Des fleurs à Marcus… Il imagina le visage lourd, avec le pli grimaçant des lèvres, et des fleurs comme à une mariée… Le domestique chuchota :

— Si Monsieur veut attendre un instant au salon… Madame est auprès de…» il eut un petit geste vague, gêné… « de Monsieur, du corps…»
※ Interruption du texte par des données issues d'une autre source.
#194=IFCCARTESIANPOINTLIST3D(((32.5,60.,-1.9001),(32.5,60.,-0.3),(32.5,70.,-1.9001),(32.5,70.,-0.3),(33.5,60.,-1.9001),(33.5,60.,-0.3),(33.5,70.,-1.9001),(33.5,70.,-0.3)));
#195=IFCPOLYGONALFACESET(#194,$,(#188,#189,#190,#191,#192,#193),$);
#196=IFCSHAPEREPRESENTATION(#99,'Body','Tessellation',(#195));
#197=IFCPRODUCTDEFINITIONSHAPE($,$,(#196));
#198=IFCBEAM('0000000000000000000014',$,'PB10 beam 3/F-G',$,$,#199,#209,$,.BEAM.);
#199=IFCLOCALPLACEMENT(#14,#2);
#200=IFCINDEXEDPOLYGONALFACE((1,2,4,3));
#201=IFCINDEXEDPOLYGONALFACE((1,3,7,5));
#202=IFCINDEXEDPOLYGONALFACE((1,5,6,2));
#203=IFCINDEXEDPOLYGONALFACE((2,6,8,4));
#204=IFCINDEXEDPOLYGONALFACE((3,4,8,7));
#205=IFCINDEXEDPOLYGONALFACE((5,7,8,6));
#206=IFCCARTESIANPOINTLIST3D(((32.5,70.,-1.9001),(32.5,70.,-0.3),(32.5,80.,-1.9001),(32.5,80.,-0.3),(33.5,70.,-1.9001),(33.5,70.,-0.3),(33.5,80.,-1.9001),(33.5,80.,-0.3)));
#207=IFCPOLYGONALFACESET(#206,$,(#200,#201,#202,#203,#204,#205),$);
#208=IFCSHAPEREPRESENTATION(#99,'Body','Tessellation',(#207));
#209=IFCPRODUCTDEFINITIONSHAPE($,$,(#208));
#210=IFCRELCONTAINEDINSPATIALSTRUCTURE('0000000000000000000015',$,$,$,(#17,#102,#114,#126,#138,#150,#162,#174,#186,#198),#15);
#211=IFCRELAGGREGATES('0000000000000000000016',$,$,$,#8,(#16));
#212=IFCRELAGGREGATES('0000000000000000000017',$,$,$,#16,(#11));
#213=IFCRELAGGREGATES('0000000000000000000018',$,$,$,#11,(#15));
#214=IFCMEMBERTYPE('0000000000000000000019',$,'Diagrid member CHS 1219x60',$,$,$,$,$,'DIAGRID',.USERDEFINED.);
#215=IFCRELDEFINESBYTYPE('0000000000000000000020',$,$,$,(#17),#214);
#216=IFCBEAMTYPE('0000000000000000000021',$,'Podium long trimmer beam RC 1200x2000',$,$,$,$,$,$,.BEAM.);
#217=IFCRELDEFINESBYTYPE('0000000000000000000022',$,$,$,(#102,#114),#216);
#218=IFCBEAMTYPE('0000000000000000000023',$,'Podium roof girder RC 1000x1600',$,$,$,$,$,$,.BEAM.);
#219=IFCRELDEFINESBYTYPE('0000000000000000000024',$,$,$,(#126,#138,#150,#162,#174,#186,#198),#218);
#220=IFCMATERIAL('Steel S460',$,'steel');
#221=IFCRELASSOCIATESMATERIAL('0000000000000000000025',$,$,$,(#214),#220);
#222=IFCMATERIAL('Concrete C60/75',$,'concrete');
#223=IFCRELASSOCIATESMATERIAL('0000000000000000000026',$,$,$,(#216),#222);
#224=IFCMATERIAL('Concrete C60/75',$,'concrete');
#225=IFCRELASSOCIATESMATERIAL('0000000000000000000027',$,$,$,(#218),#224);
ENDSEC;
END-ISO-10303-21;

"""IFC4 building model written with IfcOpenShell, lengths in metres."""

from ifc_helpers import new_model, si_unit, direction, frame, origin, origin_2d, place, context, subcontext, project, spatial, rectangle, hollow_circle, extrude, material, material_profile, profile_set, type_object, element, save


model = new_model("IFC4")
Il lui avança une chaise et sortit. Dans la pièce voisine deux voix se mêlaient en un murmure indistinct, mystérieux, comme un bruit étouffé de prières ; elles s’élevèrent par degrés ; Golder entendit :

— Le corbillard orné de cariatides, à galerie argentée, à impériale, à cinq plumets, le cercueil en ébène, à panneaux, avec huit poignées ciselées, argentées, et l’intérieur en satin capitonné, sont compris dans la première classe extra.